The forward-looking statements contained in this announcement relate to
Jardine Matheson and/or Mandarin Oriental's future prospects, developments and
business strategies, the expected timing and scope of the Acquisition and the
Scheme and other statements other than historical facts. These forward-looking
statements may be identified by the use of forward-looking terminology,
including the terms "believes", "estimates", "plans", "projects",
"anticipates", "expects", "intends", "may", "will" or "should" or, in each
case, their negative or other variations or comparable terminology, or by
discussions of strategy, plans, objectives, goals, future events or
intentions.
By their nature, forward-looking statements involve risk and uncertainty
because they relate to events and depend on circumstances that shall occur in
the future. These events and circumstances include changes in the global,
political, economic, business, competitive, market and regulatory forces,
future exchange and interest rates, changes in tax rates and future business
combinations or disposals. If any one or more of these risks or uncertainties
materialises or if any one or more of the assumptions prove incorrect, actual
results may differ materially from those expected, estimated or projected.
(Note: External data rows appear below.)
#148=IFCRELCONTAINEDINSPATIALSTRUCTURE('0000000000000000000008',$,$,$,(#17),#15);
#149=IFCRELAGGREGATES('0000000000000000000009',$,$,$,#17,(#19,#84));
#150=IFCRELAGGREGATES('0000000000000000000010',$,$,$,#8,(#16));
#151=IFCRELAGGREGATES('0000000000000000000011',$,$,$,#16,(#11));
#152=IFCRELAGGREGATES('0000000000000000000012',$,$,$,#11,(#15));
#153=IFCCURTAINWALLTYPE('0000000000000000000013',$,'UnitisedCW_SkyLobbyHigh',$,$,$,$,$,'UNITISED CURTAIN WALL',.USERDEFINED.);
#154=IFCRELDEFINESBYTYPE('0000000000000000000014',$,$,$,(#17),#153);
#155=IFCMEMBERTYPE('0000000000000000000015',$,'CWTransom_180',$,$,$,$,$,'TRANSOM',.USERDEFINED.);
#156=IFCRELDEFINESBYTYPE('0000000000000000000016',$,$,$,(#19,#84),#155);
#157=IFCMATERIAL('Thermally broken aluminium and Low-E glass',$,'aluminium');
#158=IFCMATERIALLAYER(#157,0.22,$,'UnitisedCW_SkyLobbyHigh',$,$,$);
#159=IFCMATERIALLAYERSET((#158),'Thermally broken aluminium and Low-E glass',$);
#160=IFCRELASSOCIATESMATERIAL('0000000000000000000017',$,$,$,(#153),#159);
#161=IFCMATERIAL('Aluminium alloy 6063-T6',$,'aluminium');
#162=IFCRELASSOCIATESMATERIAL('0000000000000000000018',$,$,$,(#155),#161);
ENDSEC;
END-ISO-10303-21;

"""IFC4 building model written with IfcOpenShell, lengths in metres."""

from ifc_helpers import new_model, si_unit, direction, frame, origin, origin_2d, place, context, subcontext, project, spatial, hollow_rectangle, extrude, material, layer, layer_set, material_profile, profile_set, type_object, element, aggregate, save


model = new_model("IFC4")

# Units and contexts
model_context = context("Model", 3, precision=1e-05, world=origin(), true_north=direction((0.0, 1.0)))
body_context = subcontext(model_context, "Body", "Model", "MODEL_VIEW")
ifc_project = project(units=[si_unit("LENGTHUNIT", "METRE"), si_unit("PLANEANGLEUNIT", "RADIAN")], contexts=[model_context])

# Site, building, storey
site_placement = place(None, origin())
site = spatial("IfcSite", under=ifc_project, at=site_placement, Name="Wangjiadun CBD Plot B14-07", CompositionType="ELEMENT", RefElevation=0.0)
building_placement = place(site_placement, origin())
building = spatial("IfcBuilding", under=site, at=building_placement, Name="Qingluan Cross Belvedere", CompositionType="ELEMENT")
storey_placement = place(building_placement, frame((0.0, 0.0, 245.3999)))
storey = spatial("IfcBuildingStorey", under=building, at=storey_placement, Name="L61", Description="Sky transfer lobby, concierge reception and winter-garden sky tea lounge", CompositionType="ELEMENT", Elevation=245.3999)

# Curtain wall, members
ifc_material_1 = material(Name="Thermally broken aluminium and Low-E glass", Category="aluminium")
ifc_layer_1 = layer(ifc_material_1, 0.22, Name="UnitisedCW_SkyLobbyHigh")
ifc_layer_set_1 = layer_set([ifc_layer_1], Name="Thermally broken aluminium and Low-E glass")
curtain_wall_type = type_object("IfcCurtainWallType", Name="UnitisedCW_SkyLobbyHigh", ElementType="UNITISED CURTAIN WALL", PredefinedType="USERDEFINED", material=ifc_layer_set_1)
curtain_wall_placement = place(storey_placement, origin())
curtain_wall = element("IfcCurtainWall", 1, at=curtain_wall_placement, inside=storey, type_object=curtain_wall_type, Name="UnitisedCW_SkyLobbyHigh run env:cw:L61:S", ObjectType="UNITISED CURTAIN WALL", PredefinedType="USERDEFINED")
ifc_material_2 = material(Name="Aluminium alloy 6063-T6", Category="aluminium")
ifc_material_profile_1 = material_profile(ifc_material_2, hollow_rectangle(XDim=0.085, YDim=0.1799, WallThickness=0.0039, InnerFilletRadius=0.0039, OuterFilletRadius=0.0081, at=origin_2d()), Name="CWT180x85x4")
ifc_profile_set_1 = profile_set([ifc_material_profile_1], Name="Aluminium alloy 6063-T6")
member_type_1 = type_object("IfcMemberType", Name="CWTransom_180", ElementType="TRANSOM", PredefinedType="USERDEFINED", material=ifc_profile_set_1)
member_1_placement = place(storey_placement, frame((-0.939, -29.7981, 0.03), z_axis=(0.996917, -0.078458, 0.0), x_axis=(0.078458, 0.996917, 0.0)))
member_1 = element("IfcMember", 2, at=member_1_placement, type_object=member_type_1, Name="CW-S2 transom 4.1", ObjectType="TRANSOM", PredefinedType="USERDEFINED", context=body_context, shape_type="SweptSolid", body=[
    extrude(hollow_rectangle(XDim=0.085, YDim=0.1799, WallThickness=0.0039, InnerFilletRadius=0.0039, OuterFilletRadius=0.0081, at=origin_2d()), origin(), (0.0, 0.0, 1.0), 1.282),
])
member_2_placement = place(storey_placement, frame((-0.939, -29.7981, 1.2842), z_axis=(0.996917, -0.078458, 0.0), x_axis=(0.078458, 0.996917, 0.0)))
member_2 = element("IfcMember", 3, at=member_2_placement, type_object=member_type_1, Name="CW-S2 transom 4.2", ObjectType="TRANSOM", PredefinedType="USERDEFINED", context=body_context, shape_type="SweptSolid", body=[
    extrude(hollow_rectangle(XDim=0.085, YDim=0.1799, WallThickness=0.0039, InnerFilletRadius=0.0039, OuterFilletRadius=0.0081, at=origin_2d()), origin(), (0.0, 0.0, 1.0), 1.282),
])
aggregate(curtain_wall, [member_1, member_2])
Such forward-looking statements should therefore be construed in the light of
such factors.
Neither Jardine Matheson or Mandarin Oriental, nor any of their respective
associates or directors, officers or advisers, provides any representation,
assurance or guarantee that the occurrence of the events expressed or implied
in any forward-looking statements in this announcement shall actually occur.
Given these risks and uncertainties, potential investors should not place any
reliance on forward-looking statements.
The forward-looking statements speak only at the date of this announcement.
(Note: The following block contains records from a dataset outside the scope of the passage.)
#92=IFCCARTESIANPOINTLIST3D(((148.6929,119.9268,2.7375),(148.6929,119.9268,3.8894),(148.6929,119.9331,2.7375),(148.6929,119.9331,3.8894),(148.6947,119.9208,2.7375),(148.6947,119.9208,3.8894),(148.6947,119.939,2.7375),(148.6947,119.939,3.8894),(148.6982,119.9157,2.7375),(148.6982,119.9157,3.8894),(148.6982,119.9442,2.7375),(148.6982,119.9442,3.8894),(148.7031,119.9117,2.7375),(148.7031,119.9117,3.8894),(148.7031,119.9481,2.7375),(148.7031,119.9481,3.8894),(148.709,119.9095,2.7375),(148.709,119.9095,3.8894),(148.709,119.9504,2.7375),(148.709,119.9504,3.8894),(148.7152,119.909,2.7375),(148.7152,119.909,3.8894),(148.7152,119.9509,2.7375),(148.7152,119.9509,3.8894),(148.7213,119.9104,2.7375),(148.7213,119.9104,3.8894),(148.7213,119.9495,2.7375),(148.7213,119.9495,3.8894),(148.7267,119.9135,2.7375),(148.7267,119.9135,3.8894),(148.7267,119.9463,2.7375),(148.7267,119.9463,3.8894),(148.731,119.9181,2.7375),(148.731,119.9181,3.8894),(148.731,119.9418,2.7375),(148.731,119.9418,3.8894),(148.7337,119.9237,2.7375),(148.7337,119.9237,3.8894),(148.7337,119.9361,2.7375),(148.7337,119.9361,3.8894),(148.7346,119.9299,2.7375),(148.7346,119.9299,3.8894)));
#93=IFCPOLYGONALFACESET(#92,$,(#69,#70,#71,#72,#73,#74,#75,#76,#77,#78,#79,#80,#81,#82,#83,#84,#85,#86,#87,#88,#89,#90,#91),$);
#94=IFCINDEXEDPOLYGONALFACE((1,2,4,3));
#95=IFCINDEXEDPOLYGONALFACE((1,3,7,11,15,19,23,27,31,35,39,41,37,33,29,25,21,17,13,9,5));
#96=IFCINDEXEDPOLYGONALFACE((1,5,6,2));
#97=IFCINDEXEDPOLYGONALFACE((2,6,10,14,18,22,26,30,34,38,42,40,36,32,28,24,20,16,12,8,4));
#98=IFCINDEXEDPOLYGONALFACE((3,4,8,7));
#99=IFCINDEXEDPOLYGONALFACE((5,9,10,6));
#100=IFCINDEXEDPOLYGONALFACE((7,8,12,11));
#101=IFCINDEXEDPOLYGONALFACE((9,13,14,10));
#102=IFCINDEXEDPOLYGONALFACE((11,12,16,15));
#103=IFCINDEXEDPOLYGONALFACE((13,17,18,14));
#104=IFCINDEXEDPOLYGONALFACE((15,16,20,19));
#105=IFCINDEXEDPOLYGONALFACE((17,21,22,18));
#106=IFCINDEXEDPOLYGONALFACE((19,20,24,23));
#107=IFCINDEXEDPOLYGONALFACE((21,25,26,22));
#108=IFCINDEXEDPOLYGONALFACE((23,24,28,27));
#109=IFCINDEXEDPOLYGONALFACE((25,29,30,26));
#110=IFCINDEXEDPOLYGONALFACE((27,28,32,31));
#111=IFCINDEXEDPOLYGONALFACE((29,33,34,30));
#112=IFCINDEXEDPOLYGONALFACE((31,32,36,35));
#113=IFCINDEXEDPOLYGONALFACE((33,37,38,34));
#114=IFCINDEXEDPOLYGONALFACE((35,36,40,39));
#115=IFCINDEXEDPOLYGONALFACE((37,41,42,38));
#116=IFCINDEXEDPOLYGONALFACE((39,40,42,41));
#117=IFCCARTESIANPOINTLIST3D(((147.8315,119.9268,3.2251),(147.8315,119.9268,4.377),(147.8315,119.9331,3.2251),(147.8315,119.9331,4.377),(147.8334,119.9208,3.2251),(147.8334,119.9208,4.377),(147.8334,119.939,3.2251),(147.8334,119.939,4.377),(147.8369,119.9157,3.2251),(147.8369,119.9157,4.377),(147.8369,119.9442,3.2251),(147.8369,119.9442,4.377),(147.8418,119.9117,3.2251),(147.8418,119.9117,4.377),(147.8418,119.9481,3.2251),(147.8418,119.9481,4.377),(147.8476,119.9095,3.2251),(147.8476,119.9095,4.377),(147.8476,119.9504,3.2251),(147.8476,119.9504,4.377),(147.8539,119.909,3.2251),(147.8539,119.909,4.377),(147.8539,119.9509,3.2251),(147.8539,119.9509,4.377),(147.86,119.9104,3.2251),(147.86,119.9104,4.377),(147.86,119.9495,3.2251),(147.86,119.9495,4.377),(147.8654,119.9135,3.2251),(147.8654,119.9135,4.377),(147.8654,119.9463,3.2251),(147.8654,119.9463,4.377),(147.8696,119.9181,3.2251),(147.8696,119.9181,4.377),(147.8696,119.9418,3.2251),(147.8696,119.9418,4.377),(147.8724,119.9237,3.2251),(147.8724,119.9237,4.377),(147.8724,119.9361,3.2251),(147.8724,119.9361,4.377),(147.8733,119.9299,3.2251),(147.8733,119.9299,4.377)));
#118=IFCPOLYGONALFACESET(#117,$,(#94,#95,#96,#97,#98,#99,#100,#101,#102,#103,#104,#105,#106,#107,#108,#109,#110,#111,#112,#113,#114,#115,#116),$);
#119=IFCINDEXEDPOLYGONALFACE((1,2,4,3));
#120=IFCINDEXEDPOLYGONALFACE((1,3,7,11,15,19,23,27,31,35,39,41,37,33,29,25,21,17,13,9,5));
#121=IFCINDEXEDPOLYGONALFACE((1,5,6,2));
All subsequent oral or written forward-looking statements attributable to
Jardine Matheson or Mandarin Oriental or any of their respective associates,
directors, officers, employees or advisers, are expressly qualified in their
entirety by the cautionary statement above.
Jardine Matheson, Mandarin Oriental and their respective affiliates expressly
disclaim any obligation or undertaking to release publicly any updates or
revisions to any forward-looking statements contained in this announcement or
any other forward-looking statements they may make whether as a result of new
information, future developments or otherwise.